I WILL, if asked, wear a mask (of the specifications recommended by any WIM staff) at all times while visiting the facility, and will take all reasonable prophylactic steps that may be recommended by WIM, staff and/or any relevant authority.
I WILL consent to having my temperature taken by any representative or agent of the building or staff, during, and after any visit, and will provide any follow up information reasonably requested by WIM.

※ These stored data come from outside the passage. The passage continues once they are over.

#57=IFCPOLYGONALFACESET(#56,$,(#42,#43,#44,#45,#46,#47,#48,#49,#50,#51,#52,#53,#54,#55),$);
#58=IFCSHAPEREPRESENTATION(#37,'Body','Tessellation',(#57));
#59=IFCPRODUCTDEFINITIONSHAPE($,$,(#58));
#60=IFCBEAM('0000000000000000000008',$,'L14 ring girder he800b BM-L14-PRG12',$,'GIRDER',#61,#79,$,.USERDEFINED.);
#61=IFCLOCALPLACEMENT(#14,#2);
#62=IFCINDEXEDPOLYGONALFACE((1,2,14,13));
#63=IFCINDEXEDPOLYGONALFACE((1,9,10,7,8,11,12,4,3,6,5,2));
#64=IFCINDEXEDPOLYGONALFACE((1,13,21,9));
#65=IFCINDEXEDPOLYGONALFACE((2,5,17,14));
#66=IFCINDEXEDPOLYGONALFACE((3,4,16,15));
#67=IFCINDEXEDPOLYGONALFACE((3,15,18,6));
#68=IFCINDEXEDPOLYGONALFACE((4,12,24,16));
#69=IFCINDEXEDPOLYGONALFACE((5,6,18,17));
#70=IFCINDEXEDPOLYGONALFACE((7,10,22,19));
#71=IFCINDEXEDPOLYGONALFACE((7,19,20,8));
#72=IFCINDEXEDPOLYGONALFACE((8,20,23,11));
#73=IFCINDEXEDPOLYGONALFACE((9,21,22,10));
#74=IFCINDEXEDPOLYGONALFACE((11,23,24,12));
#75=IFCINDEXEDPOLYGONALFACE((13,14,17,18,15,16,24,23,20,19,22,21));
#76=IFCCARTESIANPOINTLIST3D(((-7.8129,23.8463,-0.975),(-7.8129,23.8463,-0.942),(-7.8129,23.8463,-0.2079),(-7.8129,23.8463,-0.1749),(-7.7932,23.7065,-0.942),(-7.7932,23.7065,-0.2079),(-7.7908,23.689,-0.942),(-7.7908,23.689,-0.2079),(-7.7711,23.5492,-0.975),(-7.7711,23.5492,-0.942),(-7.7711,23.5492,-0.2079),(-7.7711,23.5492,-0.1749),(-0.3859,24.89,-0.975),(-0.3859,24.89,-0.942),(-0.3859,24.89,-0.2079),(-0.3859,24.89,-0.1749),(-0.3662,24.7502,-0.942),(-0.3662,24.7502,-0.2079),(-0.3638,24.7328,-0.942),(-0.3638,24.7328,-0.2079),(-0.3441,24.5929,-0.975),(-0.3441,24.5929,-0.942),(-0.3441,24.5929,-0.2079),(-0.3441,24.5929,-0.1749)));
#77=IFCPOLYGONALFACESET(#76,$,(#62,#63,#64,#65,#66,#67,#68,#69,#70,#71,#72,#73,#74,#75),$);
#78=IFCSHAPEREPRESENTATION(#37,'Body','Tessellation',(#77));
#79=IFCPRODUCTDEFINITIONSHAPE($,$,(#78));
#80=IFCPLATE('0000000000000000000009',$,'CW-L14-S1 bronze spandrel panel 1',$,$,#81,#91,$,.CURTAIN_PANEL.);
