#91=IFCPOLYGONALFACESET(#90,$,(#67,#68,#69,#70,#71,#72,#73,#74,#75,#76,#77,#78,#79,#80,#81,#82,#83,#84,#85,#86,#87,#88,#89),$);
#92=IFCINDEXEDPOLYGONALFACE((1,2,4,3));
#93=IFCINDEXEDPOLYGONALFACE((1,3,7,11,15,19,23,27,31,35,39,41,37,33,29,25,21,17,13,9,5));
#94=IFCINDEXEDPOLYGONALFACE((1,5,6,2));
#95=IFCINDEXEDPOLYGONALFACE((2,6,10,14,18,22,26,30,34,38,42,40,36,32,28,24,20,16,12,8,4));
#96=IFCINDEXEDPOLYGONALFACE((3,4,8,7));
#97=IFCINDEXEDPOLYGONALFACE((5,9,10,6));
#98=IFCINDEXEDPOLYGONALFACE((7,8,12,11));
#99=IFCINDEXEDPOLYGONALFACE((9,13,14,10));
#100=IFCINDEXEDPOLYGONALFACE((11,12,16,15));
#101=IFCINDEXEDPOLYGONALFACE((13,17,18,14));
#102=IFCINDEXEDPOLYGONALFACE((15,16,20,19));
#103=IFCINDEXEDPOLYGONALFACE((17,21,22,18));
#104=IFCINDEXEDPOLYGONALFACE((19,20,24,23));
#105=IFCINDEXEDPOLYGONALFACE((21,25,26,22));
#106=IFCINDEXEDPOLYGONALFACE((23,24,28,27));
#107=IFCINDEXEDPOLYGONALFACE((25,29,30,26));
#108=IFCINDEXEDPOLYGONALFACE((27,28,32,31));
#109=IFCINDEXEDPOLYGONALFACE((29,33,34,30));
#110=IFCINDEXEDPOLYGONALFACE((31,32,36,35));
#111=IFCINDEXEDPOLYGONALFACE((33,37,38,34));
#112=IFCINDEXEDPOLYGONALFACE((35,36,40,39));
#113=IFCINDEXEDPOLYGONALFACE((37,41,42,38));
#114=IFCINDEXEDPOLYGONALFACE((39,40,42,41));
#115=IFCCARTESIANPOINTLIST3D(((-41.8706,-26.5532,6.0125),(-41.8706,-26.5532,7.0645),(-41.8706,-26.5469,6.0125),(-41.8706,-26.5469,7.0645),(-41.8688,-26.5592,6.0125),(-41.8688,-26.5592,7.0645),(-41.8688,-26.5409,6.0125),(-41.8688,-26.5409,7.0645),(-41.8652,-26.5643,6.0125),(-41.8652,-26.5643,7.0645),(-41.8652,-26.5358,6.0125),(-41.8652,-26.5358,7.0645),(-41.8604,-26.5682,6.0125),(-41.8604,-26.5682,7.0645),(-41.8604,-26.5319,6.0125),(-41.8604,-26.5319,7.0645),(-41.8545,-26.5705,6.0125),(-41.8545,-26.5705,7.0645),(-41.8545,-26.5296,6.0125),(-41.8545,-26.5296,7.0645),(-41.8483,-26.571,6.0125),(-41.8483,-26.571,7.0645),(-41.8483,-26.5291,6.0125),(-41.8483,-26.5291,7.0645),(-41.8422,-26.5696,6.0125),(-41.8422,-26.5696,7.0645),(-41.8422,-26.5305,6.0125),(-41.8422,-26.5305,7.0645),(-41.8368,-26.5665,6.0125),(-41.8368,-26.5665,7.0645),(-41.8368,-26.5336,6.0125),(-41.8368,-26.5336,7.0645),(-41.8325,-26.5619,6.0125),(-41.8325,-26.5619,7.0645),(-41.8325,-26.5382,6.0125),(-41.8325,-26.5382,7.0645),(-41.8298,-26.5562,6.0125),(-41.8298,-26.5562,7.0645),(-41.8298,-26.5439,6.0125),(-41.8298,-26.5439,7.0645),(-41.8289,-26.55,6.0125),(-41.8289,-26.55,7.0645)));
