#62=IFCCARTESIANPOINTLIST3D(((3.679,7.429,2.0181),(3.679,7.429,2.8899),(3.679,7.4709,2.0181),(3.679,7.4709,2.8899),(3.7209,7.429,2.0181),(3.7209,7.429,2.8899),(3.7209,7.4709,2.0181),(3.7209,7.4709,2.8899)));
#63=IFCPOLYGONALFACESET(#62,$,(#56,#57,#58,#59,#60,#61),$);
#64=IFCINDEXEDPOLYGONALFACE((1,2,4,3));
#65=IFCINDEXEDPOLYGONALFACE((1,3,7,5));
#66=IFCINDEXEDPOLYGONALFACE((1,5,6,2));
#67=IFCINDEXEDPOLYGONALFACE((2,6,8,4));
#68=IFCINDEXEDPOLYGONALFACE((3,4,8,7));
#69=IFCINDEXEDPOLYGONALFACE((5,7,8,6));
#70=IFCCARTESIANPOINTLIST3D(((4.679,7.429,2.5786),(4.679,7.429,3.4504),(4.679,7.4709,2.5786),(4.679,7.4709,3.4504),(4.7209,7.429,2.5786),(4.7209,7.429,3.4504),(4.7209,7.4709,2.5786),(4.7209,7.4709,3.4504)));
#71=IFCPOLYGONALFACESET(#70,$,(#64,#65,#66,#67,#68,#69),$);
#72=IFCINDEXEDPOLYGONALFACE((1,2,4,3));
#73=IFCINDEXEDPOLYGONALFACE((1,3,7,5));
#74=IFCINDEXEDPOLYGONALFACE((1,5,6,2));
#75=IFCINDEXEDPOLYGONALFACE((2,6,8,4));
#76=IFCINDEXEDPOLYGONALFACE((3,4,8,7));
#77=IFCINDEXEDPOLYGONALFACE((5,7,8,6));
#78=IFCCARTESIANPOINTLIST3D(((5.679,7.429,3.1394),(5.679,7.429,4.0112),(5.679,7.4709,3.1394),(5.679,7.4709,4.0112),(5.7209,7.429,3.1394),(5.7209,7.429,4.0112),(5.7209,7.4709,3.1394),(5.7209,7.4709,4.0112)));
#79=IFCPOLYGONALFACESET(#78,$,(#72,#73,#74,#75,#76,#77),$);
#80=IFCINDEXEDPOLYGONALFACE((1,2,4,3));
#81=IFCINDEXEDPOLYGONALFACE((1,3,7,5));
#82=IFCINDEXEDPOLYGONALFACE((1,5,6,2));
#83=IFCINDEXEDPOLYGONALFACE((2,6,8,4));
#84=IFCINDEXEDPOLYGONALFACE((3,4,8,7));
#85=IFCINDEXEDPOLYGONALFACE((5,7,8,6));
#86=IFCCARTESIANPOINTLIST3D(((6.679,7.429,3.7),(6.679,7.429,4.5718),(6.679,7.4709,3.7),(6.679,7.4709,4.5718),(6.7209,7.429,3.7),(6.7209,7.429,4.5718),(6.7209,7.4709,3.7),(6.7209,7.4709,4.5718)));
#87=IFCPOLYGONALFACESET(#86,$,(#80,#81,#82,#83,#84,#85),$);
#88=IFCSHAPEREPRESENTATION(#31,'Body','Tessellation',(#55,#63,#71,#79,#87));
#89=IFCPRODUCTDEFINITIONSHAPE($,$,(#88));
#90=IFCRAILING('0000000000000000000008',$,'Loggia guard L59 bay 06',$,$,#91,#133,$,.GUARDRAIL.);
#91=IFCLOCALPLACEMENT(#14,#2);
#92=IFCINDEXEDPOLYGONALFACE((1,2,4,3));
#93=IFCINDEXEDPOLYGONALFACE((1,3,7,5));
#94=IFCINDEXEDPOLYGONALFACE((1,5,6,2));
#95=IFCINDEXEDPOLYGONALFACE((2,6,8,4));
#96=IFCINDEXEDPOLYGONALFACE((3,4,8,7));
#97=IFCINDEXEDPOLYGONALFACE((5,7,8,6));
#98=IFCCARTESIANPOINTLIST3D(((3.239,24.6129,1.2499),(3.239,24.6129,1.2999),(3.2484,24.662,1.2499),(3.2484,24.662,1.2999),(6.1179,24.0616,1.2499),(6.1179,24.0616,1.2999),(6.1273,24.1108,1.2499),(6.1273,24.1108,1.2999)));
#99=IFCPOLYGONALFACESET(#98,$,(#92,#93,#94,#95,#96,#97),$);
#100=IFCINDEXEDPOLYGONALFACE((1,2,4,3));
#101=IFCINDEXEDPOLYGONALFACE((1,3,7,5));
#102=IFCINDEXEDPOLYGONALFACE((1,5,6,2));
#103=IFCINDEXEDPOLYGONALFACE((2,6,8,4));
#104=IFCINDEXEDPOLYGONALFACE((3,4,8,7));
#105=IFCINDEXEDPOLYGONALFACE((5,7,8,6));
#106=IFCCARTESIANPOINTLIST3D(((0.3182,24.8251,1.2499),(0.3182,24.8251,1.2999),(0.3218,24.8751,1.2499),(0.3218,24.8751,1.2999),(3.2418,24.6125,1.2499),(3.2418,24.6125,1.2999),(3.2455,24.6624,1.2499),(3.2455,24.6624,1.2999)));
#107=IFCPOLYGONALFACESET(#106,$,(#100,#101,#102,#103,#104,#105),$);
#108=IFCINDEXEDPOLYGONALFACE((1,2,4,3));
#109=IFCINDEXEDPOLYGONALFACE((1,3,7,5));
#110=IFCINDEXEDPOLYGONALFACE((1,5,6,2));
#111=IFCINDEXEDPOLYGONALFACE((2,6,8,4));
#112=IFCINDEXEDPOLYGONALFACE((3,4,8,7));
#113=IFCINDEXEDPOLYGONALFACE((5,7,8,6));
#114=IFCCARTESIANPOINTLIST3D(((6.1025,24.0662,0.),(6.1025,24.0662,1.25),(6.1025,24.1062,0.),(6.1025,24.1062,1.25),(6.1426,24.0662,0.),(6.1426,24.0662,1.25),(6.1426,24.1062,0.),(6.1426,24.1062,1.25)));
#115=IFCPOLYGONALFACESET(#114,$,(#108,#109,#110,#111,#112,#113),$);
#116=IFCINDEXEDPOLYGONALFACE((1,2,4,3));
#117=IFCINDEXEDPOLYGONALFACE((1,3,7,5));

I ACKNOWLEDGE and ACCEPT that this Declaration shall be governed by the laws of South Africa. I irrevocably agree that the competent Courts of South Africa shall have jurisdiction to hear and determine any suit, action or proceeding, and to settle any dispute which may arise out of, under, or in connection with this Declaration and for such purposes hereby irrevocably submit to the jurisdiction of such Courts. Nothing contained herein shall limit the right of WIM to take proceedings in any other Court of competent jurisdiction nor shall the taking of proceedings in one or more jurisdiction preclude the taking of proceedings in any other jurisdiction whether concurrently or not.
I ACKNOWLEDGE and ACCEPT that this Declaration will be considered as my consent to WIM to disclose, share, record and store this Declaration with any relevant authority or service provider for the purposes of ensuring the safety and security of any and all third parties that may come in contact with me prior, during, and after any visit.